Andy: Provus was, and continues to be, foundational to the success of ocgov.com. The drag-and-drop component based design system was redeployed for each new build, allowing for multiple variations within a well-defined structure and set of options.
Post launch, we were able to turn the keys to the sites over to more than 100 content editors, who have the tools to easily manage site content with the confidence of knowing that as they mix and match components and switch up layouts, it will all be within preset brand and design guidelines. That's to say that creativity will occur within a framework that ensures new pages and layouts will continue to look professionally designed and laid out.
As Orange County is now a support client, our recent investments in Provus enhancements, what we’re calling Provus 2.0, are compounding Provus benefits for Orange County. Provus 2.0 leverages Drupal’s ability for creating distributions, enabling us to maintain a central upstream and facilitate the deployment of ongoing updates.
Acquia: Andy, I’ve heard you like to "talk trash," and that leads me to a question about what I've heard is one of your favorite pages developed for the Orange County site.

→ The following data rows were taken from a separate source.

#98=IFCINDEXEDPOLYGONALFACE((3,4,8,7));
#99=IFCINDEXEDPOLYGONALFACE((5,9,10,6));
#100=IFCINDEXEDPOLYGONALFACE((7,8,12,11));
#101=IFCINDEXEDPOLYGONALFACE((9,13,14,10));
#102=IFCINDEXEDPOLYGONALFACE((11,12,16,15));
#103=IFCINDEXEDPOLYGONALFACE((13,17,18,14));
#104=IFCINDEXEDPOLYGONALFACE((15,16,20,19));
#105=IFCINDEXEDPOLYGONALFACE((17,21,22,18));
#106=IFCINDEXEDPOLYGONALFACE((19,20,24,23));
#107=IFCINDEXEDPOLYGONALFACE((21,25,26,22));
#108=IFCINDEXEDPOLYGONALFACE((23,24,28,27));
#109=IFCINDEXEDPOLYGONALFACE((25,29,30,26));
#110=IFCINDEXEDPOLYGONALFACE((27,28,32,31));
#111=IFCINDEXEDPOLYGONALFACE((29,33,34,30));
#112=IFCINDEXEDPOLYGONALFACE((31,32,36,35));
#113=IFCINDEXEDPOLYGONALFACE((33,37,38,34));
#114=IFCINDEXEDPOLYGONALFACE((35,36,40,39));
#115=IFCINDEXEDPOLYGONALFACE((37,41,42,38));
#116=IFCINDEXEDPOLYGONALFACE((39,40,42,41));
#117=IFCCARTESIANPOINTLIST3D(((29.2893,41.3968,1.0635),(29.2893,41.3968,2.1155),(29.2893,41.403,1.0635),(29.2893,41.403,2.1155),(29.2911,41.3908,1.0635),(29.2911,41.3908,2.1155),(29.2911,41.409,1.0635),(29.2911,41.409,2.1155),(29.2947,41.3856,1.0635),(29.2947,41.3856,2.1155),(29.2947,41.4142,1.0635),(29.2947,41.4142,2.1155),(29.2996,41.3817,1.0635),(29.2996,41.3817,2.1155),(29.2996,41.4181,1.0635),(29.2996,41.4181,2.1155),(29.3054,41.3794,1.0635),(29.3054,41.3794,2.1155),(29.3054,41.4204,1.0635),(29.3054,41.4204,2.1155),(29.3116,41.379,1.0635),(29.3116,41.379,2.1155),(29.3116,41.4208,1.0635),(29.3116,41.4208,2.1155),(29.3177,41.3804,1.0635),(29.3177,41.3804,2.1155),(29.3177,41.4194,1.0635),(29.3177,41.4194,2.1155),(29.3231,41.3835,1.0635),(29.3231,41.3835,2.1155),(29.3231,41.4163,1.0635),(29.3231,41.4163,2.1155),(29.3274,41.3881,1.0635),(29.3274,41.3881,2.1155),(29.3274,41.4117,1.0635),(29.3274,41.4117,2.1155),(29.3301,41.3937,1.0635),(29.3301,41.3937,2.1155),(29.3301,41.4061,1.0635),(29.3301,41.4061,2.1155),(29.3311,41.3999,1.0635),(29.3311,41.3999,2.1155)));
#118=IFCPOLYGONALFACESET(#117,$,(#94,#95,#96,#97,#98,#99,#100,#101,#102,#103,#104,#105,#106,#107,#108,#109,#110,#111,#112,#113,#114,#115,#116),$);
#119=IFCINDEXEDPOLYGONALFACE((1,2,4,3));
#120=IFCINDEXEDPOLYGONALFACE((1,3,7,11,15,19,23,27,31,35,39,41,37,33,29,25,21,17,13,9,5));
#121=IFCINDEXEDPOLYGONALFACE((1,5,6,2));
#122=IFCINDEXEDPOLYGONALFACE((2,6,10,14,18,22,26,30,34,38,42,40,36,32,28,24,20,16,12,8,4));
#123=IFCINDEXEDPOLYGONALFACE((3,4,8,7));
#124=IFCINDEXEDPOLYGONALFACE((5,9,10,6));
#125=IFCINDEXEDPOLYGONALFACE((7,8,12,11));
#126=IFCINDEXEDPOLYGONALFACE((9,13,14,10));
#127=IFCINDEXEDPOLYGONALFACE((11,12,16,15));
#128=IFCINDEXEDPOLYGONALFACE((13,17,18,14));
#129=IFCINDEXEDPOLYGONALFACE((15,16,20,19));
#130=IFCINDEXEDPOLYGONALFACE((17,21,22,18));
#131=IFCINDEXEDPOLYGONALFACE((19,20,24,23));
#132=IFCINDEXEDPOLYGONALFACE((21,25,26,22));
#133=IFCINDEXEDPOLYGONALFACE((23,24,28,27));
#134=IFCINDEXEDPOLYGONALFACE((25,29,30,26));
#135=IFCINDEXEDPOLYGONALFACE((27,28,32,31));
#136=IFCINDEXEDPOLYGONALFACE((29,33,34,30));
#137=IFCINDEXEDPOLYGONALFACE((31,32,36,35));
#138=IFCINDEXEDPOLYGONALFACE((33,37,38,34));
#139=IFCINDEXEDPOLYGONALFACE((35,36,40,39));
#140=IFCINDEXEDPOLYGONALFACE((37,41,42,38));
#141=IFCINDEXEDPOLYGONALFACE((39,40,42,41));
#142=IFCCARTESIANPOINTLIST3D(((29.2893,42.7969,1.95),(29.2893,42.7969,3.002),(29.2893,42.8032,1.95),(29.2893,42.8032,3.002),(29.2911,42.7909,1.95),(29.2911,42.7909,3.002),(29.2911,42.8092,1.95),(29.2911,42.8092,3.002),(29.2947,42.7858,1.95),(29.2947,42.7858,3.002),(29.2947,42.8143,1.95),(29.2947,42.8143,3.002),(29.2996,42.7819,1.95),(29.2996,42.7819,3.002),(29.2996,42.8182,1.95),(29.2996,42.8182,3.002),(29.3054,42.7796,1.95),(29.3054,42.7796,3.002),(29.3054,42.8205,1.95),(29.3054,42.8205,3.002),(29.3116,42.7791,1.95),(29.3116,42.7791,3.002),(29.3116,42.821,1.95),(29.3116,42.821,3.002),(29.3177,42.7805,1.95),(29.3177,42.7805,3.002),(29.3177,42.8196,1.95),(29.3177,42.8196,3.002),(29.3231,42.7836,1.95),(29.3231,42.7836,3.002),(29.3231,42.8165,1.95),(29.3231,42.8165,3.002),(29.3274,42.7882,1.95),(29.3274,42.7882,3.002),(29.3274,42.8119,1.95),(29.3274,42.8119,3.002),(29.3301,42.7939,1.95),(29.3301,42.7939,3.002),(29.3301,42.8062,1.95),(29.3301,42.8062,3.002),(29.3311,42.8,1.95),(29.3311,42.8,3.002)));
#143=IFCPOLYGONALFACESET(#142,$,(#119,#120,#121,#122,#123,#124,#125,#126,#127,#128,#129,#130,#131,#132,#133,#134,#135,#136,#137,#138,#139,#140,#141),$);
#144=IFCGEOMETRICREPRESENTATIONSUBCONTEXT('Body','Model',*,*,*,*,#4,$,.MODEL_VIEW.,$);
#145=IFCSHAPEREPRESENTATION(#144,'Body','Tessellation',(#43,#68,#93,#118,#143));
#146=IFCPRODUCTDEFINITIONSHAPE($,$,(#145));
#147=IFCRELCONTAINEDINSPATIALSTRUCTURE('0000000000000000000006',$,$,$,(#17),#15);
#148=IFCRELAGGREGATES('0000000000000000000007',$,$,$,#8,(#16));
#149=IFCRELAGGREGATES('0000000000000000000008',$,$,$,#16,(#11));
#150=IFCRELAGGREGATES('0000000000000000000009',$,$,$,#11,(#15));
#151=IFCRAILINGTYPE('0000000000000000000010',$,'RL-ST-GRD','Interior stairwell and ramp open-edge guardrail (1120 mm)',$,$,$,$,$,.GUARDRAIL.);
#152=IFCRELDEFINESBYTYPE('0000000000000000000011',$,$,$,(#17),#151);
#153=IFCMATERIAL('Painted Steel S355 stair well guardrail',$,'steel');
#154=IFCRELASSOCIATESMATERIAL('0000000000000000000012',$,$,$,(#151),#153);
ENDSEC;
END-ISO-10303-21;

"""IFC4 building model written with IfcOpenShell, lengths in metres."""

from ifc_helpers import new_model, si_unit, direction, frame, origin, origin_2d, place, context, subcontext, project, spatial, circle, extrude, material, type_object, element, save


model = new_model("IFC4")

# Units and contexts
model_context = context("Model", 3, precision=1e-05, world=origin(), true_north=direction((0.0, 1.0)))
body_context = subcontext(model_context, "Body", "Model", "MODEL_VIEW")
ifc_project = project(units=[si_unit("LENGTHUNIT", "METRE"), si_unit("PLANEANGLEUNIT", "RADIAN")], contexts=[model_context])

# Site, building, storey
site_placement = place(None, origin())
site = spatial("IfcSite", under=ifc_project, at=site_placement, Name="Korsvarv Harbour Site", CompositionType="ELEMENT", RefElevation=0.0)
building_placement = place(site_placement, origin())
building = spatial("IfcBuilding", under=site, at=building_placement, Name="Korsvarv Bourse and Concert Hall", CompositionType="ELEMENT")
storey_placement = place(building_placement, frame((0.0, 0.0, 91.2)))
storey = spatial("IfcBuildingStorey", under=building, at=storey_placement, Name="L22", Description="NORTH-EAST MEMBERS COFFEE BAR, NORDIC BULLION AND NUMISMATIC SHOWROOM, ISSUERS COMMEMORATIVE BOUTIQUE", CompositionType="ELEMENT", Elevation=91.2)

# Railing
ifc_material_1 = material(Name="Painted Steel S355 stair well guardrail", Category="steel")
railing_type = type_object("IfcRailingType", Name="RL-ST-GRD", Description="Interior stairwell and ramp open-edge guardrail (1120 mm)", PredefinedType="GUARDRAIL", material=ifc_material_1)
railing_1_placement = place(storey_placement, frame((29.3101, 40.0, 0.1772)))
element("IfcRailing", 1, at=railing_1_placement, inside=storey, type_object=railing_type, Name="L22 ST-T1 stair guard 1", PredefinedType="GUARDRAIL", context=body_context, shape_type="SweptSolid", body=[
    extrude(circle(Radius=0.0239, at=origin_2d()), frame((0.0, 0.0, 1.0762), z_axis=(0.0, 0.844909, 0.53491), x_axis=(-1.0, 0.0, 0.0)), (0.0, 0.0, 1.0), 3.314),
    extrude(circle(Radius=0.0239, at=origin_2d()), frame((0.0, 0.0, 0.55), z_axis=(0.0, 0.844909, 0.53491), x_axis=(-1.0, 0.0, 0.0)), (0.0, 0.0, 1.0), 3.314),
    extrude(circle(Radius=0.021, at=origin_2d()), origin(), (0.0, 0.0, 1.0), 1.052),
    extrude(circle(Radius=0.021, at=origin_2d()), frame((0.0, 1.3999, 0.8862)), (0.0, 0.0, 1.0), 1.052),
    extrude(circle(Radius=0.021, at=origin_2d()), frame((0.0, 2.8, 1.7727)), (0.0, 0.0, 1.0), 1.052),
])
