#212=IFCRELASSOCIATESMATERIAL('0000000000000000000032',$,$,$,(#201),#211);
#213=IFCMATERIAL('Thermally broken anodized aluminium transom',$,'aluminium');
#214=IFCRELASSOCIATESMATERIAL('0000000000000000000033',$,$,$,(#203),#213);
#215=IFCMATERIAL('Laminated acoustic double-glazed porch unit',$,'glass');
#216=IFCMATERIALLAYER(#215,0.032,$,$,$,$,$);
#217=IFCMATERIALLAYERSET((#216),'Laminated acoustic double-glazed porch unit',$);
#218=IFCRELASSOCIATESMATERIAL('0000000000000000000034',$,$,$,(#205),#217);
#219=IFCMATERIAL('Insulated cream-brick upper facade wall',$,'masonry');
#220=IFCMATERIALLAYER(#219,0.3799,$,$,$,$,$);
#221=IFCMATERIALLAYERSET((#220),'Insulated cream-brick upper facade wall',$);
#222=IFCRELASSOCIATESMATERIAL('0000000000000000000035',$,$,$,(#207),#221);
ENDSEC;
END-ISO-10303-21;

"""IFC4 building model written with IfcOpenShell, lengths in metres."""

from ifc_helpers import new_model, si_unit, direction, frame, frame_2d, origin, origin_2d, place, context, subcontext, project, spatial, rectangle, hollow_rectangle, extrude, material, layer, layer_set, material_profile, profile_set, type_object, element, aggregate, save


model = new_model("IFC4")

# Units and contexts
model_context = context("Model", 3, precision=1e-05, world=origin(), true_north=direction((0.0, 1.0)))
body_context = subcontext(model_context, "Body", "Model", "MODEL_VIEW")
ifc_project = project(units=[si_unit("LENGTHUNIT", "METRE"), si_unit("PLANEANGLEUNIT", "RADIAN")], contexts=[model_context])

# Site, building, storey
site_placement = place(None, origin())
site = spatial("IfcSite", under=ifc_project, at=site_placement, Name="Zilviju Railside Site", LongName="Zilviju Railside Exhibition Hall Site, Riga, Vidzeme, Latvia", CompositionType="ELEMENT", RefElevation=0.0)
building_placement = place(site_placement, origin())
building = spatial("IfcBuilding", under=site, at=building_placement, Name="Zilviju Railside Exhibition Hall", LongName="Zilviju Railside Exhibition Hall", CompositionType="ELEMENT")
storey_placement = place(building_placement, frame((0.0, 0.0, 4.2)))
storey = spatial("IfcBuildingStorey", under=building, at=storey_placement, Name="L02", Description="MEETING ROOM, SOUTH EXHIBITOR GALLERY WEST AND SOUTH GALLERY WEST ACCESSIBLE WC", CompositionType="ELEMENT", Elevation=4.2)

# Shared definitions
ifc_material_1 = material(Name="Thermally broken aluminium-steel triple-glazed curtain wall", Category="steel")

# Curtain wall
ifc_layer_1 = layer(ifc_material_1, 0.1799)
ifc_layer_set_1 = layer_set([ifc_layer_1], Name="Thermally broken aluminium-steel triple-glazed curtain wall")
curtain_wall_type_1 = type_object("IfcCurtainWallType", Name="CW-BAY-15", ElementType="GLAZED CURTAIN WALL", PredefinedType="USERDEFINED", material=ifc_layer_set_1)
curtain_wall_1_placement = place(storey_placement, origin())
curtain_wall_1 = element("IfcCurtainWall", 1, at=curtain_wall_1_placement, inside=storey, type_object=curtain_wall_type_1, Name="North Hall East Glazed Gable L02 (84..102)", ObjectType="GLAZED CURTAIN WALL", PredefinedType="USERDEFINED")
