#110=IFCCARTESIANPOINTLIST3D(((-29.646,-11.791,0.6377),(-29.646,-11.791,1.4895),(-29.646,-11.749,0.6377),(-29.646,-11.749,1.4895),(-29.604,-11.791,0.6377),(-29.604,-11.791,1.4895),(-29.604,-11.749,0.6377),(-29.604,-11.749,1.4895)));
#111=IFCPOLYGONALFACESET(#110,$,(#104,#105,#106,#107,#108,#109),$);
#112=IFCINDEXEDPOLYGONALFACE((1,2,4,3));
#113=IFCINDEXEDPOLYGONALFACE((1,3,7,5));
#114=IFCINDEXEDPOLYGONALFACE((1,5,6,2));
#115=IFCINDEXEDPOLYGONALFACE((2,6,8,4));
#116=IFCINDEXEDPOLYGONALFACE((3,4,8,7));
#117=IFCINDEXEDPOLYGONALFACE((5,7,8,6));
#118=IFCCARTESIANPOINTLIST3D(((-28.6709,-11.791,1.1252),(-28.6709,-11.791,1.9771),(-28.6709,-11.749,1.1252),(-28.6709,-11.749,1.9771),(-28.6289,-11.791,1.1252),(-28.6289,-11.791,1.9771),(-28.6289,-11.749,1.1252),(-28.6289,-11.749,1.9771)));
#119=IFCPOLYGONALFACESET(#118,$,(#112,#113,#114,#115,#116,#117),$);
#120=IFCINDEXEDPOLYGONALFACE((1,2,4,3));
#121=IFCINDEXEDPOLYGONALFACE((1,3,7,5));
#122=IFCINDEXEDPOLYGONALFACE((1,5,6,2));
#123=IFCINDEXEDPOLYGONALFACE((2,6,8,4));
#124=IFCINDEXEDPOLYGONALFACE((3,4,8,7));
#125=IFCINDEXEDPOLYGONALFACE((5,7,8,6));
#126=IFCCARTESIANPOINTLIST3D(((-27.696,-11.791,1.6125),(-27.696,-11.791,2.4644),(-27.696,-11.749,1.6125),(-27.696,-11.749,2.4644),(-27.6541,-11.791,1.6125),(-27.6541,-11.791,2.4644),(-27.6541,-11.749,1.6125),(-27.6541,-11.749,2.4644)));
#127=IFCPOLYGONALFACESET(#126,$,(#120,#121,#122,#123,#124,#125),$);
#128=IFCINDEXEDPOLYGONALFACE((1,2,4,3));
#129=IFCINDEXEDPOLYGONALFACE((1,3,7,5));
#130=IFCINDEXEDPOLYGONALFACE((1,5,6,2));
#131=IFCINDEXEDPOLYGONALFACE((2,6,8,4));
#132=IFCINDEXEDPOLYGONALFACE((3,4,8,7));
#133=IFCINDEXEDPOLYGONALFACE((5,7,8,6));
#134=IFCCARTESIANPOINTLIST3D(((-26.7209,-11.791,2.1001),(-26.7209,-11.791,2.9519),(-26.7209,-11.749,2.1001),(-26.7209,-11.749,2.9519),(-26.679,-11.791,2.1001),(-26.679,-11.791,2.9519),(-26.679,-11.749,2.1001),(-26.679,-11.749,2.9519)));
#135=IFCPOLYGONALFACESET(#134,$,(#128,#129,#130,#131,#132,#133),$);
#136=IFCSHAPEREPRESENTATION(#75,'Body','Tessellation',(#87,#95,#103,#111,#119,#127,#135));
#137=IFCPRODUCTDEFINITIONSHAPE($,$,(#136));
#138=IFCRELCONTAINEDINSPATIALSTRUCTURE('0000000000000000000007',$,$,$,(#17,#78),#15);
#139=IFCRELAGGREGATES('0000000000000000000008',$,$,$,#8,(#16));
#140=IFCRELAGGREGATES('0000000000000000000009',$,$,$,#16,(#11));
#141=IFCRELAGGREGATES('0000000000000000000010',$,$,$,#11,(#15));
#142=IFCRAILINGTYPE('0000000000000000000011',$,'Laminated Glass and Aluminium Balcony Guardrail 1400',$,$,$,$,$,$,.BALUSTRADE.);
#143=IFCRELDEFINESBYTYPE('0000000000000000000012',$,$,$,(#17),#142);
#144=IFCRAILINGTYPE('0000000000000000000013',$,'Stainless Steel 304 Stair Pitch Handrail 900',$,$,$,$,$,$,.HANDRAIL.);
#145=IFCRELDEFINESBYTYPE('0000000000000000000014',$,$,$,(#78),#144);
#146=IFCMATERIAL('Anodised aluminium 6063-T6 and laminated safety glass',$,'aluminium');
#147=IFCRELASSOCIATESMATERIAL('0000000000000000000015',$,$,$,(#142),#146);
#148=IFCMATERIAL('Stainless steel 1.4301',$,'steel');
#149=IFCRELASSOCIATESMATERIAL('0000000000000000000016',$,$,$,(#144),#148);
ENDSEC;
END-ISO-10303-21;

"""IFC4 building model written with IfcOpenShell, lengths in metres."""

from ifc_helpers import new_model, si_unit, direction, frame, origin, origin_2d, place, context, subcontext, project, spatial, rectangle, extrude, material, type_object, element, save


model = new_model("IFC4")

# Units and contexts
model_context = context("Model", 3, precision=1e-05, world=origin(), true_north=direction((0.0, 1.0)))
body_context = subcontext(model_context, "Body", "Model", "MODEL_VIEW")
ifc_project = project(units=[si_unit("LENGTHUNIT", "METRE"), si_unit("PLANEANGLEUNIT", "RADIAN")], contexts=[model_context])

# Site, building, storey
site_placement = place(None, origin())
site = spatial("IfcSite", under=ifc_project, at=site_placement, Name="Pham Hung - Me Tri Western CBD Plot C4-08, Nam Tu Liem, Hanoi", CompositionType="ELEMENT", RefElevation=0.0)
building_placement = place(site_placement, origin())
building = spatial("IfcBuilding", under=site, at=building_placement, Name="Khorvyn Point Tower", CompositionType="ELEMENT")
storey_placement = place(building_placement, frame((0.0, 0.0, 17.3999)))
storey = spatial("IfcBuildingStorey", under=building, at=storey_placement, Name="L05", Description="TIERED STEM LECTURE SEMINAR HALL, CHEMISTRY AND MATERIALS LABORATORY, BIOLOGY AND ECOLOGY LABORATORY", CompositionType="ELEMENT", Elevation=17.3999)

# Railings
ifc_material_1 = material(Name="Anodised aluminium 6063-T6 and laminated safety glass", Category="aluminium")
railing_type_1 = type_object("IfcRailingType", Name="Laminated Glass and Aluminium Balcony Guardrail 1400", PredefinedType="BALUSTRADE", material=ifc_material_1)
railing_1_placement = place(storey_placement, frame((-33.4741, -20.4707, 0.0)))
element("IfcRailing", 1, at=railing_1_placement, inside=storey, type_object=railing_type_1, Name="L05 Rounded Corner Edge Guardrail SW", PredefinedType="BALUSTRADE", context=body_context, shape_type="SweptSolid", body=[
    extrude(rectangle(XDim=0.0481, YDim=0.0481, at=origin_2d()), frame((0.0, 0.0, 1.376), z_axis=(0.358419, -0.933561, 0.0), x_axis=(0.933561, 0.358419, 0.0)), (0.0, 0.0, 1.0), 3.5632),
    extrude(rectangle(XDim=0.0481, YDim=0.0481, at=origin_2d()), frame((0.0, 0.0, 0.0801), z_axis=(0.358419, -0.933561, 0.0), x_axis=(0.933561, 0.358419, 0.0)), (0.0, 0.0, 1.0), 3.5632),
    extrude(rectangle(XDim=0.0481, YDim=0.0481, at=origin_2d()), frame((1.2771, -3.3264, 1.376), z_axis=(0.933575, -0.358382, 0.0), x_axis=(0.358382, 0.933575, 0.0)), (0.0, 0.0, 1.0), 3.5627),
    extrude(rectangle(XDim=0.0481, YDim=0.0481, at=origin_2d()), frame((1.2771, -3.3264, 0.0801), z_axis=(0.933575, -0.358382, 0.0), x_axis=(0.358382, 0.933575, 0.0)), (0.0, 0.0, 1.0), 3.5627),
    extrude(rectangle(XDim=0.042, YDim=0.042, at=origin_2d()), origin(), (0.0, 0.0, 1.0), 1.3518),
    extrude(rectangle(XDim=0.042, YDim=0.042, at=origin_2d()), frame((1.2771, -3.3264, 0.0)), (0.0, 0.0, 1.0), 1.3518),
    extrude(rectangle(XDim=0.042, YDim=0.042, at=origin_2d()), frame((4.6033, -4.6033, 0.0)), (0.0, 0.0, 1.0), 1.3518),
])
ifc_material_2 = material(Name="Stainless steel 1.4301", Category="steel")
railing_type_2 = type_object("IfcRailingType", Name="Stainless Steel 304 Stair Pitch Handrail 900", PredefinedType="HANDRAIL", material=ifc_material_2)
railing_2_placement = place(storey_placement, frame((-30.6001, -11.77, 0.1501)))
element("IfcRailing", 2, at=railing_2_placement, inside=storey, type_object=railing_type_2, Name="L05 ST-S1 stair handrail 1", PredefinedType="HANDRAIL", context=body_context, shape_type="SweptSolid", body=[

Andy: We seem to have carved out an interesting sub-niche within the waste and recycling space.
No one expects a waste and recycling site to be gorgeous, with an engaging user experience and has you clicking around wanting to learn more. The fact is, though, a surprising number of visitors to county and municipal websites are looking for answers to questions concerning recycling, landfills, and even just trash pickup. So we set out to ensure that OC Waste & Recycling was the best waste and recycling site in the country.
Several months later, we had the opportunity to do the same for the Wasatch Front Waste & Recycling District site, which recently launched. And now we have a few other waste and recycling sites in development.